Sunday, September 28, 2014

League Manager's Notes

League Manager's Note
The Crisis Room...
Hey gang, full disclosure up front..can't take credit for this one. I tweaked it a bit, but came across this on some sports website about the NFL's "leader" and thought it was too good...and true... not to pass on...

In the past days, weeks, and months, the NFL has appeared to be operating without any public relations or crisis procedures in place. That simply can't be possible since the NFL is a multi-billion dollar business with money stacked on top of money, right? At some point the league had to have thrown some of it at a high priced PR firm to come up with something, no? Maybe that plan is shoved in a desk drawer somewhere with the Ray Rice video or burned into ashes in the Spygate tape incinerator, but it has to exist...this is what I think it looks like:

I. Crisis Situation - A crisis occurs when a piece of negative news gains enough attention with the public that it threatens to harm the NFL's "brand" or previously mentioned cash stacking...

II. The Crisis Communication Purpose - While each crisis is different, (beating up women vs children, for example) the communication plan is a blueprint that can be used in response to any crisis to try to quickly change the public's focus and get them back thinking about important NFL things, such as whom to bet on or why their fantasy team sucks...

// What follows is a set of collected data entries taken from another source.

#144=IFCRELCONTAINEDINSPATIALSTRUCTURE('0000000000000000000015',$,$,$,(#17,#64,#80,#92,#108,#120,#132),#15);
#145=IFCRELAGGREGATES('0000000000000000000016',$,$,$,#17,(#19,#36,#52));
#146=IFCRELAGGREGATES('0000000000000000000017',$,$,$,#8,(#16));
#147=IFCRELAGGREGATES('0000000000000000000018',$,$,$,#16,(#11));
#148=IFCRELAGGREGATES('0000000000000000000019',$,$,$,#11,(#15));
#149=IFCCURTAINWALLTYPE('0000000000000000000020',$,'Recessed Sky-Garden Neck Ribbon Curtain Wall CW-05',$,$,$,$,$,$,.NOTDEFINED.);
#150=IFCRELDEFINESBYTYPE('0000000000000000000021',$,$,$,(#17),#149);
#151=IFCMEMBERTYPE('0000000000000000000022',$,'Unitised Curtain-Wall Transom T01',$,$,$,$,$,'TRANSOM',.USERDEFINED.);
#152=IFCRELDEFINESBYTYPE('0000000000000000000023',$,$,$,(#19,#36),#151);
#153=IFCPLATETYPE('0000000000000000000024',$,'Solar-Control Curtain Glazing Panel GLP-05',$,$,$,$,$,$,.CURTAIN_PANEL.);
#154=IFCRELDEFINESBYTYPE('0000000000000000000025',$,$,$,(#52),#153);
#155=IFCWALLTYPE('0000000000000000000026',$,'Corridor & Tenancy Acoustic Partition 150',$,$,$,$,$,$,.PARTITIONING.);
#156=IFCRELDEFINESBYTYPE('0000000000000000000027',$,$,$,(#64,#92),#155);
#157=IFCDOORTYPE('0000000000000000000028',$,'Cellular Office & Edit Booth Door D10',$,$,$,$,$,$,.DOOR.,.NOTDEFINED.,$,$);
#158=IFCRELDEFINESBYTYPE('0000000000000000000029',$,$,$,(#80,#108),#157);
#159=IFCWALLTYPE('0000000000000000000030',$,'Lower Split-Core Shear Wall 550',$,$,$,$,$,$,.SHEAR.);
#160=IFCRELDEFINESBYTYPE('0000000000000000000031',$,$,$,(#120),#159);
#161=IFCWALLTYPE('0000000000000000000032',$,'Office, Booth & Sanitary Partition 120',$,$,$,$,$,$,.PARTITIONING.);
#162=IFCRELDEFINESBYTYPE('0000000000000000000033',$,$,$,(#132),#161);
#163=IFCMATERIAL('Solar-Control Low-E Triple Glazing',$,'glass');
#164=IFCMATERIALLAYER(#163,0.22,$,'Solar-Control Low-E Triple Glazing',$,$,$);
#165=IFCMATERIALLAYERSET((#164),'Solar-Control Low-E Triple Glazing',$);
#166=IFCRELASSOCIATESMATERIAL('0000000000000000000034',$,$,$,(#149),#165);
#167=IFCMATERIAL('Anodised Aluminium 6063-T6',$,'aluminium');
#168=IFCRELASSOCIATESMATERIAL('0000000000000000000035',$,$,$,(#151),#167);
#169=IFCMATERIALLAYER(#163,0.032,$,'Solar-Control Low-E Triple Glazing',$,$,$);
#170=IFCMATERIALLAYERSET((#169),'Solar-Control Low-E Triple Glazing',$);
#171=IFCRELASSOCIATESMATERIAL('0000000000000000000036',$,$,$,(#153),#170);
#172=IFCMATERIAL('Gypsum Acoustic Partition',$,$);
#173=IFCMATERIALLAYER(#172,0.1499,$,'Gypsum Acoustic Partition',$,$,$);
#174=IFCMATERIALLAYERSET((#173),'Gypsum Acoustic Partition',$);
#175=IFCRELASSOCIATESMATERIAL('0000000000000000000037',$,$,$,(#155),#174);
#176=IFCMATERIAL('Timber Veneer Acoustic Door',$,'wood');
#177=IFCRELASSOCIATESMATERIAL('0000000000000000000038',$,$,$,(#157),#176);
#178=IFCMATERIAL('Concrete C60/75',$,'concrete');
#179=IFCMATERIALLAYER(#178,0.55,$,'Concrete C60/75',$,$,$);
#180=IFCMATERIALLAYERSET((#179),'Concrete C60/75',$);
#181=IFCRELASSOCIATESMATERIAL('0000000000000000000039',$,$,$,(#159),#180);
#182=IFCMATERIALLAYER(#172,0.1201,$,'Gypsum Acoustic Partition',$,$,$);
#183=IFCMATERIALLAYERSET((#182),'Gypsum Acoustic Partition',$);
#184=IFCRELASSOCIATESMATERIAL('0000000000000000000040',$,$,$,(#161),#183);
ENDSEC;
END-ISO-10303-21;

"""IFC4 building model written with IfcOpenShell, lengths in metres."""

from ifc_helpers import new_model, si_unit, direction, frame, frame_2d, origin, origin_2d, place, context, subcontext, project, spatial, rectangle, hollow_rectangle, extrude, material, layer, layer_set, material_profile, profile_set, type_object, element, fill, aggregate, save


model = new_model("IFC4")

III. Pre-Crisis Action PLan - Always be reactive instead of proactive when faced with a situation that could become a crisis. Usually the problem will simply go away all by itself thanks to the general public's short attention span and obsession with their phones. If not, however, these steps MUST be followed!! 1) Don't do anything at first and just hope it doesn't end up on YouTube, 2) If it's not forgotten within 72 hours, issue a statement saying you are "gathering information and will have no further comment until we have all the facts", 3) Don't actually gather any information or facts because those things usually end up a rabbit hole of ugliness that can only tarnish the "brand" if they get out, 4) Wait another week and hope the public forgets about the whole thing, 5) If people still want action, bust a player for marijuana to send a message that we mean business!, 6) Wait another week and hope the public forgets about the first thing, 7) If people STILL haven't forgotten, meet with the accused player and issue a statement saying you feel the player has "learned from his mistake", 8) Suspend another guy for weed, 9) Hope that the public will finally let go of this already!!

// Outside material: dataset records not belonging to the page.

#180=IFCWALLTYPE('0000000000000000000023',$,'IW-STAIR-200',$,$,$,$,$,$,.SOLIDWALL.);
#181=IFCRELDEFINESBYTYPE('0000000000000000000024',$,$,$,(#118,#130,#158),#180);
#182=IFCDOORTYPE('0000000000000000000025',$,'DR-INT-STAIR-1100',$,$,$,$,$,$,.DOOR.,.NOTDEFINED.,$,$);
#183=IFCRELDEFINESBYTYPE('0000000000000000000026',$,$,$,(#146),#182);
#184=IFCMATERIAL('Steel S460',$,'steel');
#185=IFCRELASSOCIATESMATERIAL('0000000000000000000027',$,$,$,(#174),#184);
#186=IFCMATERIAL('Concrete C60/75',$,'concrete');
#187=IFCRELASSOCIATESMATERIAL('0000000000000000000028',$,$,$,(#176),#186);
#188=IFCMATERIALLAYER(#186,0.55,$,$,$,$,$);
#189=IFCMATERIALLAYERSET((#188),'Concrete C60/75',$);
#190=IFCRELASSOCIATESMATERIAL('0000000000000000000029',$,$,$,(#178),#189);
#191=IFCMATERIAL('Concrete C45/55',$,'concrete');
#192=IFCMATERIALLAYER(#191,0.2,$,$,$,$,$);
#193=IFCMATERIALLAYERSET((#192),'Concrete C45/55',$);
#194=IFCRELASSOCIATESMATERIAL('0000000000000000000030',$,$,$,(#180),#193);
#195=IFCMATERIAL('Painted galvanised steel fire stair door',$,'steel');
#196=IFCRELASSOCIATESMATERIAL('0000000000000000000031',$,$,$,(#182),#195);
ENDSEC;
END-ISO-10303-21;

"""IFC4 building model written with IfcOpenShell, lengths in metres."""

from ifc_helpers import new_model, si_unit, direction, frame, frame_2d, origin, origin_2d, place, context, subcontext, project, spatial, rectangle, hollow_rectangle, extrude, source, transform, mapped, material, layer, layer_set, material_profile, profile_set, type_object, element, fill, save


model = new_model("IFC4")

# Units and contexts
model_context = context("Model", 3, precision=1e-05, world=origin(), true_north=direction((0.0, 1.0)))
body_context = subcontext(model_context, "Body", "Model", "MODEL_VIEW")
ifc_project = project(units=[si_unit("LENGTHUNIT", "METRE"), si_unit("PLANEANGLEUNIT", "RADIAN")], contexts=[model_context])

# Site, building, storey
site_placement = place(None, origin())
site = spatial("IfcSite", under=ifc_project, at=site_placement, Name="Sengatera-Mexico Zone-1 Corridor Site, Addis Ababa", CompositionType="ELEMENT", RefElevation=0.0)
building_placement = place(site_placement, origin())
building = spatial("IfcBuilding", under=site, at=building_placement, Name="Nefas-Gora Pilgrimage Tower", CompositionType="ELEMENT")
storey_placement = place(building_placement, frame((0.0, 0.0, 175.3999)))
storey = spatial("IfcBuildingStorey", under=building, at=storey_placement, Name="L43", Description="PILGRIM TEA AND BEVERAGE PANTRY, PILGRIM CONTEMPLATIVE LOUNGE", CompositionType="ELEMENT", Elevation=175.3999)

If people are still refusing to move on, do some sort of public appearance that honors the troops. People love the troops and if you honor them, the public will think: "Well, hey, they're honoring the troops. The NFL is good people, now I feel bad for my ill feelings toward them."

Still no? OK then, your hand has been forced. It's time to punish the player. Have the commissioner's secretary set up his giant "Wheel O'Suspensions and Fines", give it a spin and see where it stops, then announce the punishment.

*Special Note: This reactive Pre-Crisis Plan is only for a good player. If the player is not good, he'll be cut as soon as the allegation comes out, completely washing the NFL's hands of any negative publicity...

IV. Crisis Action Plan - Ha! It's never going to get to this point. This is the NFL. No matter what happens, the public will love you, so we'll leave this section blank. If stuff would ever get to this point...yikes. That would really suck. Who knows? Just start handing out indefinite suspensions? Blame a secretary for not turning over evidence? Have the league spokesperson (commissioner) disappear for a week or more until everything hopefully blows over? Surely players couldn't keep getting arrested every day for heinous crimes. Surely. Obviously, that's not a great plan, but again, it's really unlikely things ever get this far. You're the NFL. Contact us if you want to hash this section out a little bit more. You should be good though... :)

Weekly Game Ball: Gotta be Multiple Scoregasms playing the role of dominatrix by whipping the Bradyless Dingos all day Sunday and into the night until she finally and mercifully had to utter her "safe" phrase of, "Please, please...just make it stop..."

The WTF Happened? Award: The Legion of Boobs gave defending champ LGOP a 54 point Double D sized motorboating along with his second consecutive double digit loss...might want to start looking for a trophy sized box...

The Shit The Bench Award: A Dingo Ate My Brady has been trying her best as of late to set a FF league record, ANY record...and she finally did!! Congratulations, you have set a new standard that may keep you in the record books for years to come! The new STB score to beat is... -9 ...no, not 9... -9 ...really...

Stupid Football Quote of the Week: "First, we will get our house in order. Second, and MOST IMPORTANTLY, we will blah, blah, blah..." - Roger Goodell

Um, quick question, if it's MOST importantly, it should probably be FIRST on your list there Rog, don't ya think?!?!? Oh, and btw, this guy makes $44 million dollars a year!!!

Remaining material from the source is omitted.